我需要在python中切出一个很长的字符串(DNA序列),目前我正在使用它:
new_seq = clean_seq[start:end]
我每隔20000个字符切片一次,并拍摄1000张长片(大约)
它是一个包含几个字符串的250MB文件,每个字符串都标识了一个ID,这种方法花费的时间太长了。 序列字符串来自biopython模块:
def fasta_from_ann(annotation, sequence, feature, windows, output_fasta):
df_gff = pd.read_csv(annotation, index_col=False, sep='\t',header=None)
df_gff.columns = ['seqname', 'source', 'feature', 'start', 'end', 'score', 'strand', 'frame', 'attribute']
fasta_seq = SeqIO.parse(sequence,'fasta')
buffer = []
for record in fasta_seq:
df_exctract = df_gff[(df_gff.seqname == record.id) & (df_gff.feature == feature)]
for k,v in df_exctract.iterrows():
clean_seq = ''.join(str(record.seq).splitlines())
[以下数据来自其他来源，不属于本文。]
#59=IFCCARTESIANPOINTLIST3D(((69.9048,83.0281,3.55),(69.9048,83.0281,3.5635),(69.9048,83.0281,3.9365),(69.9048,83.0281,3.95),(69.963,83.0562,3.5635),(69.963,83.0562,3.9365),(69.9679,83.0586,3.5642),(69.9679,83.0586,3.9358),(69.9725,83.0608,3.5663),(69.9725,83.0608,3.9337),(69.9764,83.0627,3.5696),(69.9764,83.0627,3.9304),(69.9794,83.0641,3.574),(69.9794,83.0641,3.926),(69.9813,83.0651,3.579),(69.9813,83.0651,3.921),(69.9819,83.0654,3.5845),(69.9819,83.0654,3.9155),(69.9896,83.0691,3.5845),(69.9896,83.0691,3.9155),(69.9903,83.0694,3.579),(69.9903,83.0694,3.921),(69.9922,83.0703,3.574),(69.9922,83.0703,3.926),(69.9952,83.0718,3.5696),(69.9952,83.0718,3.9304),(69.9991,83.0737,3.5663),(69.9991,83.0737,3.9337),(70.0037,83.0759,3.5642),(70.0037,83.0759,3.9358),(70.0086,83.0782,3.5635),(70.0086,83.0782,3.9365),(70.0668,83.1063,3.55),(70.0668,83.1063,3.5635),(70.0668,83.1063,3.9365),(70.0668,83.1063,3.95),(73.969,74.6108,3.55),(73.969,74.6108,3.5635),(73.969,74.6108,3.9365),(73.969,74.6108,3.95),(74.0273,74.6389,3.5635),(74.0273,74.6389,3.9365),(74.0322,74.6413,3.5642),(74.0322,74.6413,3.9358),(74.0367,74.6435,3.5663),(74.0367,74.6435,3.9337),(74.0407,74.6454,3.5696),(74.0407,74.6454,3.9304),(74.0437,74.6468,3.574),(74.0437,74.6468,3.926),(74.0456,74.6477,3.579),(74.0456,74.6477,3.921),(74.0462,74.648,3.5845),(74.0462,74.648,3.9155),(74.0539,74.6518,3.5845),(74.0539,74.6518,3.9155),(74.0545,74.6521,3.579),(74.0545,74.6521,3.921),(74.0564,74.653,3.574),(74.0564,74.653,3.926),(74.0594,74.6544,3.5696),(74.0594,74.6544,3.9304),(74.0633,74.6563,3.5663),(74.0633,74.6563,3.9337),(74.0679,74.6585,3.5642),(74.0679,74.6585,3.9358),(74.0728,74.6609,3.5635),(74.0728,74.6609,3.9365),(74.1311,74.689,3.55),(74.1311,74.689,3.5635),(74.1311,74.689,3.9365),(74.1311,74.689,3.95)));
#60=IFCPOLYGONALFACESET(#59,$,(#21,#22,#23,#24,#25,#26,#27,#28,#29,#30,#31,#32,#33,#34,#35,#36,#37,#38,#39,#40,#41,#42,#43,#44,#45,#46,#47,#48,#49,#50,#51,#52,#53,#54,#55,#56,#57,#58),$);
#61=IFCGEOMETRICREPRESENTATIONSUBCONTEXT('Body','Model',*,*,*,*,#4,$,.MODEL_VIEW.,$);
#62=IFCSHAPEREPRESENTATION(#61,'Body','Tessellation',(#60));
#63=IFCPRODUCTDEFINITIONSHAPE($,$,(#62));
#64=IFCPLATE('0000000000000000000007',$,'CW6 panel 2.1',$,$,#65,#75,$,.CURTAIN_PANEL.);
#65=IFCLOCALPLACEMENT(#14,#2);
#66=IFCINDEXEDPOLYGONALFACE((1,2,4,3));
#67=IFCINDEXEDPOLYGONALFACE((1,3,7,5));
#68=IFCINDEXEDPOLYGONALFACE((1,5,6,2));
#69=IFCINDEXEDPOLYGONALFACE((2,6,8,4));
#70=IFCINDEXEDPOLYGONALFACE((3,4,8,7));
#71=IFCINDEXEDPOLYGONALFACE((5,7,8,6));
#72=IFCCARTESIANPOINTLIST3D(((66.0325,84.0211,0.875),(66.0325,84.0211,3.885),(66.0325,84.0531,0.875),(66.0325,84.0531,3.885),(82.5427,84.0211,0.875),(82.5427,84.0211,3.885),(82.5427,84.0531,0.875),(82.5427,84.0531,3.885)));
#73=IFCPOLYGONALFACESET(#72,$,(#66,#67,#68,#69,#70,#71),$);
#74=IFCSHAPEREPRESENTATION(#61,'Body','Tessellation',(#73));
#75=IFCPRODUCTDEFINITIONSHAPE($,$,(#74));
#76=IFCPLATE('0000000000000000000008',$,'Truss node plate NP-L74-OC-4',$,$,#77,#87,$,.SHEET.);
if int(v.start) - windows < 0:
start = 0
else:
start = int(v.start) - windows
if int(v.end) + windows > len(clean_seq):
end = len(clean_seq)
else:
end = int(v.end) + windows
new_seq = clean_seq[start:end]
new_id = record.id + "_from_" + str(v.start) + "_to_" + str(v.end) + "_feature_" + v.feature
desc = "attribute: " + v.attribute + " strand: " + v.strand
seq = SeqRecord(Seq(new_seq), id=new_id,description = desc)
buffer.append(seq)
print(record.id)
SeqIO.write(buffer, output_fasta, "fasta")
也许有更好的记忆方式来实现这一目标。